Emirati envoy to US: Murder of rabbi ‘was a crime against the UAE’
The United Arab Emirates’ Ambassador to the US Yousef Al Otaiba says in a statement that Rabbi Zvi Kogan’s murder “was more than a crime in the UAE — it was a crime against the UAE. It was an attack on our homeland, on our values and on our vision.”
He writes on X: “In the UAE, we welcome everyone. We embrace peaceful coexistence. We reject extremism and fanaticism of every kind. We honor Zvi Kogan’s memory by recommitting ourselves to these values.”
He adds that the country mourns Kogan and “Our thoughts are with his family, friends and community over his senseless death.”

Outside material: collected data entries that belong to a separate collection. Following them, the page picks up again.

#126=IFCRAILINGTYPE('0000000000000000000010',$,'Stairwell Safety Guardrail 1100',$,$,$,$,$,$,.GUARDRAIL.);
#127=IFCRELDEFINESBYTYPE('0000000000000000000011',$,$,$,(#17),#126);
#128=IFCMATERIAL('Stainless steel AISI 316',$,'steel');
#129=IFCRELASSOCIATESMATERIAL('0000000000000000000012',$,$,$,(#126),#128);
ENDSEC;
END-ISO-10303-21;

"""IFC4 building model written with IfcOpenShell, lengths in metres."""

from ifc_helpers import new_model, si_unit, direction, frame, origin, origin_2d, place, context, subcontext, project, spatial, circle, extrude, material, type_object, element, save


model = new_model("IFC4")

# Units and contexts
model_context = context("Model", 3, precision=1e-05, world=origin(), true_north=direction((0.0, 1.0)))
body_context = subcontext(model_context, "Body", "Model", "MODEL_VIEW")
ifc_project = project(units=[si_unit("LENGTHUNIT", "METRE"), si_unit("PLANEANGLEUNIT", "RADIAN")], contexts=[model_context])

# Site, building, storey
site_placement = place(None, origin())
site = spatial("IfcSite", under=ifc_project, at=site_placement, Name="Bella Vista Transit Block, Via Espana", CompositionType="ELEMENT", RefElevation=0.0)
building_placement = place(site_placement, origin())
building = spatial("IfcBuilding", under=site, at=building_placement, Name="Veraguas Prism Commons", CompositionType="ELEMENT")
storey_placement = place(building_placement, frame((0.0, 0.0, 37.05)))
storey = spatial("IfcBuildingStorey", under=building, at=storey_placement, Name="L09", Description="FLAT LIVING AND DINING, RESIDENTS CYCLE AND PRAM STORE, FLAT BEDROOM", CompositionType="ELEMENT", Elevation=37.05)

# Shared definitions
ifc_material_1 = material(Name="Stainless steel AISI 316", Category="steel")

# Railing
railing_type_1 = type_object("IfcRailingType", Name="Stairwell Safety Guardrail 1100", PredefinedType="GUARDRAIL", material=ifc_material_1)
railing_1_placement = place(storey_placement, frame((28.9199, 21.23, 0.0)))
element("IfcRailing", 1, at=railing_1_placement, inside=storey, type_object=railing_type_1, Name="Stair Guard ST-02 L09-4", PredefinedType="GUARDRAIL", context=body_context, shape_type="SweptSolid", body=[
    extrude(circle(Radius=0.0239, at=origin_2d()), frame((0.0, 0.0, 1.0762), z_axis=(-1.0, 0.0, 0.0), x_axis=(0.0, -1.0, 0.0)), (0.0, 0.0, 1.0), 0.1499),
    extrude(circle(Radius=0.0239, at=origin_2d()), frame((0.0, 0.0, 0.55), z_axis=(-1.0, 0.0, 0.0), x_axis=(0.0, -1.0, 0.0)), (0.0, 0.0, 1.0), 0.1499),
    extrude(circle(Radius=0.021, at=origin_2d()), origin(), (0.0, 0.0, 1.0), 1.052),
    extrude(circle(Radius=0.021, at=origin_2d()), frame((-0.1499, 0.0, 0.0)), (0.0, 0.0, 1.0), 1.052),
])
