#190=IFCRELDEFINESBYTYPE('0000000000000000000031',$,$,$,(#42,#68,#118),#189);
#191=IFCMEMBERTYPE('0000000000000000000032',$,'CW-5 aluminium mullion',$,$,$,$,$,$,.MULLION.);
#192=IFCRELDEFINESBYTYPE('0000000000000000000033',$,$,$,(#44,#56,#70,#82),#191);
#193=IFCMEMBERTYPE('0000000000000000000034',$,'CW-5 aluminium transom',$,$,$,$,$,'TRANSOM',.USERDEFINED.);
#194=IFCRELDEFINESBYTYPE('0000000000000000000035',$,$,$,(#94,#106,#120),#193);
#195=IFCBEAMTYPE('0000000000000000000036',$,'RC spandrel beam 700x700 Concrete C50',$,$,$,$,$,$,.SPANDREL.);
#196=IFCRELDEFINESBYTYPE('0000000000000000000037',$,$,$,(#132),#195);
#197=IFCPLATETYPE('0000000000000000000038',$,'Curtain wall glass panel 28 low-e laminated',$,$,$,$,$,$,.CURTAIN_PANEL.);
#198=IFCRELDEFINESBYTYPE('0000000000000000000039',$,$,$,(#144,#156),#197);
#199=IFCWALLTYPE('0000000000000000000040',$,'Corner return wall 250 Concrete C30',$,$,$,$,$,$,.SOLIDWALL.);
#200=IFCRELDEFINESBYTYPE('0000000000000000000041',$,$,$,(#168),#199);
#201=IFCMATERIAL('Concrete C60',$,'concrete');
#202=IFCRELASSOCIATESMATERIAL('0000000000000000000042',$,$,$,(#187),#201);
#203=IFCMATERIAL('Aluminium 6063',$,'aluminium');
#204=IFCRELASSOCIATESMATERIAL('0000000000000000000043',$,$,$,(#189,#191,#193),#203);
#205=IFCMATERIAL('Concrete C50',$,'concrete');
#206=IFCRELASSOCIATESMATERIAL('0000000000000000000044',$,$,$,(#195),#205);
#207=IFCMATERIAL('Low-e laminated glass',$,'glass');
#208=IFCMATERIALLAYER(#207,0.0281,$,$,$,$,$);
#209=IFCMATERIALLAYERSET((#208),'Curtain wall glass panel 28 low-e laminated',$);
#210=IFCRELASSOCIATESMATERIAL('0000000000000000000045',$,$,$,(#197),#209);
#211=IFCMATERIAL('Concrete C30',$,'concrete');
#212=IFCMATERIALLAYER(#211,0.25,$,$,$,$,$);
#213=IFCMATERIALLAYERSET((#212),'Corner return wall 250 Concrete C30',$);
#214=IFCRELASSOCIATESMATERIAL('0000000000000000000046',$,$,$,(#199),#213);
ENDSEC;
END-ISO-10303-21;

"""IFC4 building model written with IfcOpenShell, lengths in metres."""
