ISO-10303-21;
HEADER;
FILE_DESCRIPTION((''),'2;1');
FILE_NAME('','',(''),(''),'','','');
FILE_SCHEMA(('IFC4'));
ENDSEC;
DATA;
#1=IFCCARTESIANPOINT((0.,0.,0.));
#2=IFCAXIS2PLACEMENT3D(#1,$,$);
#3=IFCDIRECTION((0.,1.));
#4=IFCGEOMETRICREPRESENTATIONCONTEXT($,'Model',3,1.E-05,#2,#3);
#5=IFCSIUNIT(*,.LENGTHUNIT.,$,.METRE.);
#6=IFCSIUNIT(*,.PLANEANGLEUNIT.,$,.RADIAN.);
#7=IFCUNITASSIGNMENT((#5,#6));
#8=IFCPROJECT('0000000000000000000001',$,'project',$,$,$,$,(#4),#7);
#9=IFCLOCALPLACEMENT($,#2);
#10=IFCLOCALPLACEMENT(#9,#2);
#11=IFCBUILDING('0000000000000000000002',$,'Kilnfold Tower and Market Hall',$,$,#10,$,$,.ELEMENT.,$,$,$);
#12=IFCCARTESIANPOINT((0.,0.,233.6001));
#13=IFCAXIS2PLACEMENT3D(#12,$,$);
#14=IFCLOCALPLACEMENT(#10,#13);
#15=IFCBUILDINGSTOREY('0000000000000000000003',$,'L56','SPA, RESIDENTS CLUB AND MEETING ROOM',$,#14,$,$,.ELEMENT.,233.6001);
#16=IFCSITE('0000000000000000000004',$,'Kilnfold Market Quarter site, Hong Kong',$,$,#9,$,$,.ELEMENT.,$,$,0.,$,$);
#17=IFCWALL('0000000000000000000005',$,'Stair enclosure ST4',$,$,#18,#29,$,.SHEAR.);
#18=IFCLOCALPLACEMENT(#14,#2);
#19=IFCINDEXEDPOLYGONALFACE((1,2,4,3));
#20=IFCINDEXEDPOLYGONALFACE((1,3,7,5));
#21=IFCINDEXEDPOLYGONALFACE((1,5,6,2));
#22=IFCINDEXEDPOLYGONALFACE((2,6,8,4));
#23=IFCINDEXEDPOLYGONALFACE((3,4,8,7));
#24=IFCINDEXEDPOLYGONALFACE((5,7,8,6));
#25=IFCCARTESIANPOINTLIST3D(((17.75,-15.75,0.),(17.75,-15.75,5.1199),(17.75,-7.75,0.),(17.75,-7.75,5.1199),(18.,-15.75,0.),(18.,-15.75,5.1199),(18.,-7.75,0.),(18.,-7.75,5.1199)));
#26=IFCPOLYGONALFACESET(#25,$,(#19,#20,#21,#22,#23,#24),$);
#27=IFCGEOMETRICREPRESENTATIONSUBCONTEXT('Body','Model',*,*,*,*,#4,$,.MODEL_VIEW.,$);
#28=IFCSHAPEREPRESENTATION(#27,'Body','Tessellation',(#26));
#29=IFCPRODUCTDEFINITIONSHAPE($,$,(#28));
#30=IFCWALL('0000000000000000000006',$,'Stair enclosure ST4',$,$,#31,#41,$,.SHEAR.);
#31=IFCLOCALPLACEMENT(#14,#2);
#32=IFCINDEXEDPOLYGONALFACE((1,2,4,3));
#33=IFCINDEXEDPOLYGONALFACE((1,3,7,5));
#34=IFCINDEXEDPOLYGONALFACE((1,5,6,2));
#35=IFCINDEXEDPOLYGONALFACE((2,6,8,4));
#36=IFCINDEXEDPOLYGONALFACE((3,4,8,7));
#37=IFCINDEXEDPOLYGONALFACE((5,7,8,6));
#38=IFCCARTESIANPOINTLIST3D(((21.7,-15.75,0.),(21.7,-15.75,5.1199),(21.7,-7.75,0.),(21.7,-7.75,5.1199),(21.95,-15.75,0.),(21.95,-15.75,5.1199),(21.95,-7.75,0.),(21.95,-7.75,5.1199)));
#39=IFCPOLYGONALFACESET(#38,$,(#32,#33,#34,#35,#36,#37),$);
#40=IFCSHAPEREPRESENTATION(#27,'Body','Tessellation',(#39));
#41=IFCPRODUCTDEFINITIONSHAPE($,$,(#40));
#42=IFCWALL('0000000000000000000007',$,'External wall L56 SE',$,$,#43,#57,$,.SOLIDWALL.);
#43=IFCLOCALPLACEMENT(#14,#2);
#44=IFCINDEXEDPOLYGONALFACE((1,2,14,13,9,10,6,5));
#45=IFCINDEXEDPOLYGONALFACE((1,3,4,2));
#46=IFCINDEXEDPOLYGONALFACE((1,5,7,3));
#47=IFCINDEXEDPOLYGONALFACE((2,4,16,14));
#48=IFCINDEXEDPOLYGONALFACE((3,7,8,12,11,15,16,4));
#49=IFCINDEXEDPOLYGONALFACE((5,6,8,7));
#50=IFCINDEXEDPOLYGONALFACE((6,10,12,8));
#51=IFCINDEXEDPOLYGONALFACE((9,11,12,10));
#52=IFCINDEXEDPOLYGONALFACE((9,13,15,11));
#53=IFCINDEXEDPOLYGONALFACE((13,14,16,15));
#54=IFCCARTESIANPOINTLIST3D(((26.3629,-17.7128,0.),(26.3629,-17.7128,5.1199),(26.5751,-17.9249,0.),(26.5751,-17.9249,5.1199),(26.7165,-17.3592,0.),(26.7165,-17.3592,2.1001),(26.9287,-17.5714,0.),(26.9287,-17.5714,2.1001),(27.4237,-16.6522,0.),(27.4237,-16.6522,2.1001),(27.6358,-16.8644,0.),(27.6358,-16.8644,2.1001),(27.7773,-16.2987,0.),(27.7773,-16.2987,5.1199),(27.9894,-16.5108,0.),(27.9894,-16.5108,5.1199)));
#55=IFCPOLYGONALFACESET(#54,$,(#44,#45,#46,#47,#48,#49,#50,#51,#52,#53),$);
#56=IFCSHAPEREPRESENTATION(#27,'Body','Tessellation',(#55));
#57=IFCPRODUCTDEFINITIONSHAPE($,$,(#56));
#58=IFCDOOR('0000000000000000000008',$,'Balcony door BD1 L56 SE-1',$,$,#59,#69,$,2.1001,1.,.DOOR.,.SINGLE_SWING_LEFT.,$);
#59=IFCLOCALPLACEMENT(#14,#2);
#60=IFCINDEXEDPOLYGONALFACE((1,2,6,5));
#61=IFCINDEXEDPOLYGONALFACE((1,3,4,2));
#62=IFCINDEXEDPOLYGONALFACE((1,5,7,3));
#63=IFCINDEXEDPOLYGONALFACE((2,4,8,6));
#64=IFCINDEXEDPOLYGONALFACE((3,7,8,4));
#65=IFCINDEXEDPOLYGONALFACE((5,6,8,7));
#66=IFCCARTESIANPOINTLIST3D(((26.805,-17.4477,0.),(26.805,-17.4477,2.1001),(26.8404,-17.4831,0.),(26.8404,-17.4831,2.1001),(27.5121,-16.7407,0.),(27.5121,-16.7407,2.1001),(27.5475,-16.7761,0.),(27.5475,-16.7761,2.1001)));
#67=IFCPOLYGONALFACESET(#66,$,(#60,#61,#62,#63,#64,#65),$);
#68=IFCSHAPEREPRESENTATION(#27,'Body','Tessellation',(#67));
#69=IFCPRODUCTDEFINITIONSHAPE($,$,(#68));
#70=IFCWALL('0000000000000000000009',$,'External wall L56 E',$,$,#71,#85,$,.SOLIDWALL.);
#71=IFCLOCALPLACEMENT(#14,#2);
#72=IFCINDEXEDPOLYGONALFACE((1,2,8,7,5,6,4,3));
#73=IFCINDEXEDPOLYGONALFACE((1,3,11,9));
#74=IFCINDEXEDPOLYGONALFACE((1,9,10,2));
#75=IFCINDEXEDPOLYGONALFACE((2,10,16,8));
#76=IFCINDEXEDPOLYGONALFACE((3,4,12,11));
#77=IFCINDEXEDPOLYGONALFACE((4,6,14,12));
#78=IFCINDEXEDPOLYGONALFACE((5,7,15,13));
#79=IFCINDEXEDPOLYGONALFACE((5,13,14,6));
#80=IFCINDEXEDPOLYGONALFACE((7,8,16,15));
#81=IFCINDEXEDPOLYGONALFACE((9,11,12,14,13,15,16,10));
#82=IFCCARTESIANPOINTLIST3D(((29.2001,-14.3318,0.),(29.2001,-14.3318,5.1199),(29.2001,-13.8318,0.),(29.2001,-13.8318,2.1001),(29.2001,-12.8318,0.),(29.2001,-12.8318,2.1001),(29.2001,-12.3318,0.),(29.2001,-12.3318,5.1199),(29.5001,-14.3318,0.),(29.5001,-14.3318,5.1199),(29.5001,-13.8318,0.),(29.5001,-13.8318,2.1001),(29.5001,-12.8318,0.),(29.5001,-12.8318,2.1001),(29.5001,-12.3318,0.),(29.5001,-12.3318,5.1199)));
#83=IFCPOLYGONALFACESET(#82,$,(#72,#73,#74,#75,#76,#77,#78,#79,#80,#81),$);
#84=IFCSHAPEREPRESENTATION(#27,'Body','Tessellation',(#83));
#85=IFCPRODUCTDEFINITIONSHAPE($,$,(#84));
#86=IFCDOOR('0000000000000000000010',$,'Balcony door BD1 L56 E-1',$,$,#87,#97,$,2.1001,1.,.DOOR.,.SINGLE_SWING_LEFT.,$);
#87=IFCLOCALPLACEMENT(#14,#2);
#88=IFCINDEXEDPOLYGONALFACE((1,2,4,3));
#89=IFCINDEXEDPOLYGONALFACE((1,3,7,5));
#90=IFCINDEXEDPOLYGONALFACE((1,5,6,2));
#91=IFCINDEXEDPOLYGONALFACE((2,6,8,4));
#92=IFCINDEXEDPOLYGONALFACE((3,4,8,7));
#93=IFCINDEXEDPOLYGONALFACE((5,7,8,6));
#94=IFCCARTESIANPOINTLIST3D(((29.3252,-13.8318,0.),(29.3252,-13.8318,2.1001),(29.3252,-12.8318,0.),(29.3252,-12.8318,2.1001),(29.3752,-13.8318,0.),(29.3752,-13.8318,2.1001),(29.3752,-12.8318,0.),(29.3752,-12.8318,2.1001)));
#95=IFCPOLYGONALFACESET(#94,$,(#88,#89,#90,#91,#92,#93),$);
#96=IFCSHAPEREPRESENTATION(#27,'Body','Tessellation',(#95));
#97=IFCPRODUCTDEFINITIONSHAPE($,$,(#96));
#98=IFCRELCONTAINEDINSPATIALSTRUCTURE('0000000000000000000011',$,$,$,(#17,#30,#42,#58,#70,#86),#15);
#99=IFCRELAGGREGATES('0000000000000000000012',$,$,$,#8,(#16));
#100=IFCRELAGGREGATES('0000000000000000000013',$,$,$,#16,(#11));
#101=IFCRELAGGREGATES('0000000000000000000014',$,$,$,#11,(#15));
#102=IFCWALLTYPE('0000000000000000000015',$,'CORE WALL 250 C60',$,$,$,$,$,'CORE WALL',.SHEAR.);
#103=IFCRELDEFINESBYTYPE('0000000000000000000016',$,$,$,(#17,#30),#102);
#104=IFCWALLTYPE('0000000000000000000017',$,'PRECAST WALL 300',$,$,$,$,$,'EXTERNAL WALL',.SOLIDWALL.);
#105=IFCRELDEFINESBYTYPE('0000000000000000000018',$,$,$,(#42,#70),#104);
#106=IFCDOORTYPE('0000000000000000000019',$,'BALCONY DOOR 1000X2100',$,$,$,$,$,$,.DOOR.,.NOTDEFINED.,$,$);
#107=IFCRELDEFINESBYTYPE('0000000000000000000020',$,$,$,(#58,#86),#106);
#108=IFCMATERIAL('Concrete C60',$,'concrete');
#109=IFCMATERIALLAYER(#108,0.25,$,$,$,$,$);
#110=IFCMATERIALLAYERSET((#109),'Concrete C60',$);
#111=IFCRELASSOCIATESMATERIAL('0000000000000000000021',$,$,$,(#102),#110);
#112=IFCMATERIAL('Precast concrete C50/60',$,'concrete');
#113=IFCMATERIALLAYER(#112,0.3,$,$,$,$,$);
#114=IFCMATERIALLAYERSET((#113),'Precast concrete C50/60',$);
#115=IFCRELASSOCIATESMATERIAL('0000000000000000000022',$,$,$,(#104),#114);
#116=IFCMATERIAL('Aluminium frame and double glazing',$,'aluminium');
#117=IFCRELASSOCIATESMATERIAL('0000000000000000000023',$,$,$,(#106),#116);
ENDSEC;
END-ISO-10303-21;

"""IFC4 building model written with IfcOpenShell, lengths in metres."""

from ifc_helpers import new_model, si_unit, direction, frame, frame_2d, origin, place, context, subcontext, project, spatial, rectangle, extrude, source, transform, mapped, material, layer, layer_set, type_object, element, fill, save


model = new_model("IFC4")

# Units and contexts
model_context = context("Model", 3, precision=1e-05, world=origin(), true_north=direction((0.0, 1.0)))
body_context = subcontext(model_context, "Body", "Model", "MODEL_VIEW")
ifc_project = project(units=[si_unit("LENGTHUNIT", "METRE"), si_unit("PLANEANGLEUNIT", "RADIAN")], contexts=[model_context])

# Site, building, storey
site_placement = place(None, origin())
site = spatial("IfcSite", under=ifc_project, at=site_placement, Name="Kilnfold Market Quarter site, Hong Kong", CompositionType="ELEMENT", RefElevation=0.0)
building_placement = place(site_placement, origin())
building = spatial("IfcBuilding", under=site, at=building_placement, Name="Kilnfold Tower and Market Hall", CompositionType="ELEMENT")
storey_placement = place(building_placement, frame((0.0, 0.0, 233.6001)))
storey = spatial("IfcBuildingStorey", under=building, at=storey_placement, Name="L56", Description="SPA, RESIDENTS CLUB AND MEETING ROOM", CompositionType="ELEMENT", Elevation=233.6001)

# Walls
ifc_material_1 = material(Name="Concrete C60", Category="concrete")
ifc_layer_1 = layer(ifc_material_1, 0.25)
ifc_layer_set_1 = layer_set([ifc_layer_1], Name="Concrete C60")
wall_type_1 = type_object("IfcWallType", Name="CORE WALL 250 C60", ElementType="CORE WALL", PredefinedType="SHEAR", material=ifc_layer_set_1)
shared_shape_1 = source(origin(), body_context, "Body", "SweptSolid", [
    extrude(rectangle(XDim=8.0, YDim=0.25, at=frame_2d((4.0, 0.0))), origin(), (0.0, 0.0, 1.0), 5.1199),
])
for number, where, z_axis, x_axis, name in (
    (1, (17.875, -15.75, 0.0), (0.0, 0.0, 1.0), (0.0, 1.0, 0.0), "Stair enclosure ST4"),
    (2, (21.825, -15.75, 0.0), (0.0, 0.0, 1.0), (0.0, 1.0, 0.0), "Stair enclosure ST4"),
):
    element("IfcWall", number, at=place(storey_placement, frame(where, z_axis=z_axis, x_axis=x_axis)), inside=storey, type_object=wall_type_1, Name=name, PredefinedType="SHEAR", context=body_context, shape_type="MappedRepresentation", body=[
        mapped(shared_shape_1, transform((0.0, 0.0, 0.0))),
    ])

# Walls, openings, doors
ifc_material_2 = material(Name="Precast concrete C50/60", Category="concrete")
ifc_layer_2 = layer(ifc_material_2, 0.3)
ifc_layer_set_2 = layer_set([ifc_layer_2], Name="Precast concrete C50/60")
wall_type_2 = type_object("IfcWallType", Name="PRECAST WALL 300", ElementType="EXTERNAL WALL", PredefinedType="SOLIDWALL", material=ifc_layer_set_2)
shared_shape_2 = source(origin(), body_context, "Body", "SweptSolid", [
    extrude(rectangle(XDim=2.0, YDim=0.3, at=frame_2d((1.0, 0.0))), origin(), (0.0, 0.0, 1.0), 5.1199),
])
wall_1_placement = place(storey_placement, frame((26.469, -17.8188, 0.0), z_axis=(0.0, 0.0, 1.0), x_axis=(0.707168, 0.707046, 0.0)))
wall_1 = element("IfcWall", 3, at=wall_1_placement, inside=storey, type_object=wall_type_2, Name="External wall L56 SE", PredefinedType="SOLIDWALL", context=body_context, shape_type="MappedRepresentation", body=[
    mapped(shared_shape_2, transform((0.0, 0.0, 0.0))),
])
opening_1_placement = place(wall_1_placement, frame((0.5, 0.0, 0.0)))
opening_1 = element("IfcOpeningElement", 4, at=opening_1_placement, cuts=wall_1, PredefinedType="OPENING", context=body_context, shape_type="SweptSolid", body=[
    extrude(rectangle(XDim=1.0, YDim=2.1001, at=frame_2d((0.5, 1.05))), frame((0.0, 0.1602, 0.0), z_axis=(0.0, -1.0, 0.0), x_axis=(1.0, 0.0, 0.0)), (0.0, 0.0, 1.0), 0.3201),
])
ifc_material_3 = material(Name="Aluminium frame and double glazing", Category="aluminium")
door_type = type_object("IfcDoorType", Name="BALCONY DOOR 1000X2100", OperationType="NOTDEFINED", PredefinedType="DOOR", material=ifc_material_3)
door_1_placement = place(opening_1_placement, origin())
door_1 = element("IfcDoor", 5, at=door_1_placement, inside=storey, type_object=door_type, Name="Balcony door BD1 L56 SE-1", OperationType="SINGLE_SWING_LEFT", OverallHeight=2.1001, OverallWidth=1.0, PredefinedType="DOOR", context=body_context, shape_type="SweptSolid", body=[
    extrude(rectangle(XDim=1.0, YDim=2.1001, at=frame_2d((0.5, 1.05))), frame((0.0, 0.0249, 0.0), z_axis=(0.0, -1.0, 0.0), x_axis=(1.0, 0.0, 0.0)), (0.0, 0.0, 1.0), 0.05),
])
fill(opening_1, door_1)
wall_2_placement = place(storey_placement, frame((29.3501, -14.3318, 0.0), z_axis=(0.0, 0.0, 1.0), x_axis=(0.0, 1.0, 0.0)))
wall_2 = element("IfcWall", 6, at=wall_2_placement, inside=storey, type_object=wall_type_2, Name="External wall L56 E", PredefinedType="SOLIDWALL", context=body_context, shape_type="MappedRepresentation", body=[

US says murder of UAE rabbi a ‘horrific crime against all those who stand for peace’
The White House brands the murder of Chabad rabbi Zvi Kogan in the United Arab Emirates a “horrific crime against all those who stand for peace, tolerance and coexistence.”
“It was an assault as well on UAE and its rejection of violent extremism across the board,” says National Security spokesperson Sean Savett in a statement.
He says the US is in contact with Emirati and Israeli authorities, offering its support. The spokesperson also praises the UAE for quickly arresting several suspects.
Savett calls for those responsible to be held “fully accountable.”